'The End,' Tree Frogs and Zachary

John Hockenberry considers endangered cultures and his son's interest in the tradition of poison dart-making

Tuesday, August 24, 2010 - 06:18 PM

We talked this morning about the loss of so-called “indigenous cultures” in our series, "The End." The fact that industrialization is driving certain cultures to extinction isn't new. However, in our globalized world, what constitutes preserving cultural traditions that are under threat? Is the world to embark on a kind of super sequestration of everything indigenous to keep it isolated from what might change it? Under this model the planet becomes a giant museum, with walls between gawking real people and the preserved “exhibits.” There is also a second model where the changing and mixing of cultural identities becomes a kind of preservation. We may lose certain tribes in the Amazon, in that they no longer live there, but do we lose everything about them?

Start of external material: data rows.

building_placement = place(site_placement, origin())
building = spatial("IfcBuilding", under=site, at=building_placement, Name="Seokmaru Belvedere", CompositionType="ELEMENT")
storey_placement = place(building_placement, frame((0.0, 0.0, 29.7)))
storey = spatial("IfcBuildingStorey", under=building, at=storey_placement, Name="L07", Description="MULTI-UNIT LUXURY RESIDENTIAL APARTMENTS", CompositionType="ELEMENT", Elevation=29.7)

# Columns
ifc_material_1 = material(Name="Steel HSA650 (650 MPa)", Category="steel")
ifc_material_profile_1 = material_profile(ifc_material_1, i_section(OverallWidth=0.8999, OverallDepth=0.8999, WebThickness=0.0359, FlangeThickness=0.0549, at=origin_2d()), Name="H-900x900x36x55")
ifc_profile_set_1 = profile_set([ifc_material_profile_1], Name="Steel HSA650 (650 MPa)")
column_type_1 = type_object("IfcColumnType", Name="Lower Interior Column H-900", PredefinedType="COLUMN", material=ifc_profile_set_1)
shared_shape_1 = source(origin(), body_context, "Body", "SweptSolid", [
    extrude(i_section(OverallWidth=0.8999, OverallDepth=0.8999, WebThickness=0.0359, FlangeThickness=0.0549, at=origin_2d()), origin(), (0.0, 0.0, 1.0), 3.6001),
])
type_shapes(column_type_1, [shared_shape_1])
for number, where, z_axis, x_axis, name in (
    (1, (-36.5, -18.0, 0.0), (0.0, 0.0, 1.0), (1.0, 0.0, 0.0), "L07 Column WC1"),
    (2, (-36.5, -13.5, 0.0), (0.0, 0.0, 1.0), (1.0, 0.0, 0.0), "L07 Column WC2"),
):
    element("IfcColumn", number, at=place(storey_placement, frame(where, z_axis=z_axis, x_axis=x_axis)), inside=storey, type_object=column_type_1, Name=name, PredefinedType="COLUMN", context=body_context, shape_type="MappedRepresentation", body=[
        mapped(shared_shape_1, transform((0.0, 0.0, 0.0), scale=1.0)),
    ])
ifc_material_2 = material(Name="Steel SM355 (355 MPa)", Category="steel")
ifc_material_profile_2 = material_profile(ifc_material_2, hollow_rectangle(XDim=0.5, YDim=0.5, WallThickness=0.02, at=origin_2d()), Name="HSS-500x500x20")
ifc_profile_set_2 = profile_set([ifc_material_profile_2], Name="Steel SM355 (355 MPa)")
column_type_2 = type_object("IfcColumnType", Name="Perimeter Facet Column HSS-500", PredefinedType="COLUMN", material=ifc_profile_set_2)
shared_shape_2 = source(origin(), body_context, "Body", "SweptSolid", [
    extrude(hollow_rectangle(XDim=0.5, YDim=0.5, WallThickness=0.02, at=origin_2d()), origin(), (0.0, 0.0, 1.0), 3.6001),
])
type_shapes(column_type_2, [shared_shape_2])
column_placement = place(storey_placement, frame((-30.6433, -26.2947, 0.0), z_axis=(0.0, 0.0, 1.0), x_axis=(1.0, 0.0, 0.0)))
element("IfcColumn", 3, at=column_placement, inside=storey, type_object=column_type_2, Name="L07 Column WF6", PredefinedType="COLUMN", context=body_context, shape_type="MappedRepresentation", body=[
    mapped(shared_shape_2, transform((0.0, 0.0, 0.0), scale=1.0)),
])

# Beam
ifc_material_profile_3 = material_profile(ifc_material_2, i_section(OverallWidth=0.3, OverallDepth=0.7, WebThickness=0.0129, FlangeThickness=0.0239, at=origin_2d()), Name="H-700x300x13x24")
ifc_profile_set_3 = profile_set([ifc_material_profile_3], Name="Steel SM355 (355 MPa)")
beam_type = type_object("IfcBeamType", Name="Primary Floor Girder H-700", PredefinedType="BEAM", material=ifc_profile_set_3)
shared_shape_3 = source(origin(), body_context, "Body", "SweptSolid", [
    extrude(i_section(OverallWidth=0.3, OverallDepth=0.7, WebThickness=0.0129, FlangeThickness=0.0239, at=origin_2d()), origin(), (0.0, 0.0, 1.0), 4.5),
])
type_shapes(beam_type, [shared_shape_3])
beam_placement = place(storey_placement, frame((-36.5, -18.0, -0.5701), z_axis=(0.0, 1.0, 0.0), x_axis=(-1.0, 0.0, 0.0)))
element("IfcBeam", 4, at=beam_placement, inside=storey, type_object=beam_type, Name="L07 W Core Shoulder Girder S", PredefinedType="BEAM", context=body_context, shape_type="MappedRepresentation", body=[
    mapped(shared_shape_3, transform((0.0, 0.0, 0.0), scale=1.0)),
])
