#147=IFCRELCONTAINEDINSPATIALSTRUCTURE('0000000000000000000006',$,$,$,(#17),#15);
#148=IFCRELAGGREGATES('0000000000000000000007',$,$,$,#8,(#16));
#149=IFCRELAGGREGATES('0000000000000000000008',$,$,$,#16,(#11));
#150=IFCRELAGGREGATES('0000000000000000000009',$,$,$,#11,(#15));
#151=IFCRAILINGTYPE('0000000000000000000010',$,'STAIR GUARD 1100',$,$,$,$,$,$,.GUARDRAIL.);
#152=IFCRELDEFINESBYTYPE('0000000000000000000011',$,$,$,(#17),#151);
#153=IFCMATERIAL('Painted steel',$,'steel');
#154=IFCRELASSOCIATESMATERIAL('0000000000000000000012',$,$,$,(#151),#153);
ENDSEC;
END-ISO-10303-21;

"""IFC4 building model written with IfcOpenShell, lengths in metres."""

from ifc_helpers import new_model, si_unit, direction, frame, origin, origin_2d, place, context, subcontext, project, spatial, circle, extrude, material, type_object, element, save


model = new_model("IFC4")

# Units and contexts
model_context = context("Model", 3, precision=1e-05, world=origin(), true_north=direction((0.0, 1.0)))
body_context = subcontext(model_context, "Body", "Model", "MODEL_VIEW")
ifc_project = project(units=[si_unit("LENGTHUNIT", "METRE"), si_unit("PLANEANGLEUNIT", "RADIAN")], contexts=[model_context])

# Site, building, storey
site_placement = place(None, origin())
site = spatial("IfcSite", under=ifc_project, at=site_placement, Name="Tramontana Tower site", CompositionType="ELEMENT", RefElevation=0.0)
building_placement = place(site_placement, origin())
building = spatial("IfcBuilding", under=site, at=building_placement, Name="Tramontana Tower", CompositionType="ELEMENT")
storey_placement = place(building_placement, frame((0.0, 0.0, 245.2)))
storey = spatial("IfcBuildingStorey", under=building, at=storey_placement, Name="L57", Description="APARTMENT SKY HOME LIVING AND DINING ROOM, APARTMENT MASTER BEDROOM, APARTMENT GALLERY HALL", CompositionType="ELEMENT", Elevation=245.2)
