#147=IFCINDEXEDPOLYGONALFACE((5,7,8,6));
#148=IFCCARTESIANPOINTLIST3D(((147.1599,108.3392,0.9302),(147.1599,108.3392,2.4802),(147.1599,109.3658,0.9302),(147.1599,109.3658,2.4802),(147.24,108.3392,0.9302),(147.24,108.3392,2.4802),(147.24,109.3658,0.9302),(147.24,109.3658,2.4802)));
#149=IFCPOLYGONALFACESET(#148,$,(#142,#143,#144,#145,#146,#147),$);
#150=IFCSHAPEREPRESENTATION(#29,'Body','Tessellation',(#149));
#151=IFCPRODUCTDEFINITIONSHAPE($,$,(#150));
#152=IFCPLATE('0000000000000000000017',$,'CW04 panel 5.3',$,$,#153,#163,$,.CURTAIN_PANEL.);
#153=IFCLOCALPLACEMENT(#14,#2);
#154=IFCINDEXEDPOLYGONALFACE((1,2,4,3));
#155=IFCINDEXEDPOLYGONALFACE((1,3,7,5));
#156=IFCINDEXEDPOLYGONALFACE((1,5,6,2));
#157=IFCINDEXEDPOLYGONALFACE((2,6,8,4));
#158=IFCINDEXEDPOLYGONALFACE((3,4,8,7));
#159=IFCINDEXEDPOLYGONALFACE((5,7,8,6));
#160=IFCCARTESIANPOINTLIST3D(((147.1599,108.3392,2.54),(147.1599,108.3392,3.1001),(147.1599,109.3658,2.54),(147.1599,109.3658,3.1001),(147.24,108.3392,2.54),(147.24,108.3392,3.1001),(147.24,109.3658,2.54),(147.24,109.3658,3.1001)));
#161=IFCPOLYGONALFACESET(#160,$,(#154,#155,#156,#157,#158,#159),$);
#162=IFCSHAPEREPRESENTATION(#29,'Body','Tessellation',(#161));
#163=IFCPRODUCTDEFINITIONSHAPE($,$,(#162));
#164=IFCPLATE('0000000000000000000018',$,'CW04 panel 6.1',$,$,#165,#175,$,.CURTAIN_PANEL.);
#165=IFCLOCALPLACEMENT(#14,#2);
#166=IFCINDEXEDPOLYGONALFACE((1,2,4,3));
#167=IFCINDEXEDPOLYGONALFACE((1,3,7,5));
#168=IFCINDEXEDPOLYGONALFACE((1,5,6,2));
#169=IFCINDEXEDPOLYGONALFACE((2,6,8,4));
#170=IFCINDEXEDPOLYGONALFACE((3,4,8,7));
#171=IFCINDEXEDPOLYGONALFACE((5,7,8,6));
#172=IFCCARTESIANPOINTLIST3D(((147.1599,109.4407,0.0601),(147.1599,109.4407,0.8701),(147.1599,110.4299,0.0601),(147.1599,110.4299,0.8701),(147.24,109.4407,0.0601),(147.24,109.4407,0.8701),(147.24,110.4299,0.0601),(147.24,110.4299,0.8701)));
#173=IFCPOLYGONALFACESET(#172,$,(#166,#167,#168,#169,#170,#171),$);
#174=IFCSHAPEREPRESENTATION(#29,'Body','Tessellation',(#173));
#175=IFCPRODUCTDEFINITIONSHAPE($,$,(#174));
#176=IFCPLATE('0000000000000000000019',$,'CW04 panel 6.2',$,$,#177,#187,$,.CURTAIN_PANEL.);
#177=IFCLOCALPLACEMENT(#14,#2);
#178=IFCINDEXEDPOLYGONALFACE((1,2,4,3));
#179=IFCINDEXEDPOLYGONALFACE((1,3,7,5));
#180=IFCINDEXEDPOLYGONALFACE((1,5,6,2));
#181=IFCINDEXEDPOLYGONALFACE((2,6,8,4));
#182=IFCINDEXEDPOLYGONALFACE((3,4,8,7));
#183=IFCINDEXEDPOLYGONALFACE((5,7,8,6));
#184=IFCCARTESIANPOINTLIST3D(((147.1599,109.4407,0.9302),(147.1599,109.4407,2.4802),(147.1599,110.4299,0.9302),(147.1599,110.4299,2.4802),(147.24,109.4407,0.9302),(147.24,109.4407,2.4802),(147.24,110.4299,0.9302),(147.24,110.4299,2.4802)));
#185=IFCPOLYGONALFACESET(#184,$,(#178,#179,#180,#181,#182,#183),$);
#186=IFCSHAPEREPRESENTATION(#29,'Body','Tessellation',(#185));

I was talking to my son, Zachary, last week. We were riding our bikes in the mountains and he remarked on how he wanted to learn to make poisonous darts out of tree frogs. He’d studied all about it in school and said that tree frogs could produce enough toxin to supply an army of blow-darters. He looked at me with a poignant, longing expression that said that it would be great if his dad could pass along that tradition to his son. He dreamed that we would spend hours in the jungle catching frogs and making darts, extending a tradition thousands of years old into the 21st century and bringing it to a family in Brooklyn. It sure beats fixing problems with the Wii, or backing up the hard drives at home. I suspect our tradition of fixing electronics may be a passing ritual in our emerging digital culture compared to poison dart making. But a little piece of the ancient and apparently threatened Amazon tradition survives: It’s alive and well in the dreamy head of my 9-year-old boy. Now, none of this suggests that threats aren’t real or my son’s interest in toxic froggies is a substitute for preserving the indigenous cultures of the world. It’s just heartening to see evidence of the earth trying to save itself ... a little poison dart froggy culture planting a seed in a 9-year-old's brain that could sprout elsewhere.

Of course you may be saying, "John, have you given any thought to why your son has this interest in poison blow darts?" Okay, fair question, but blog posts are supposed to be short. I’m not going there... Today anyway.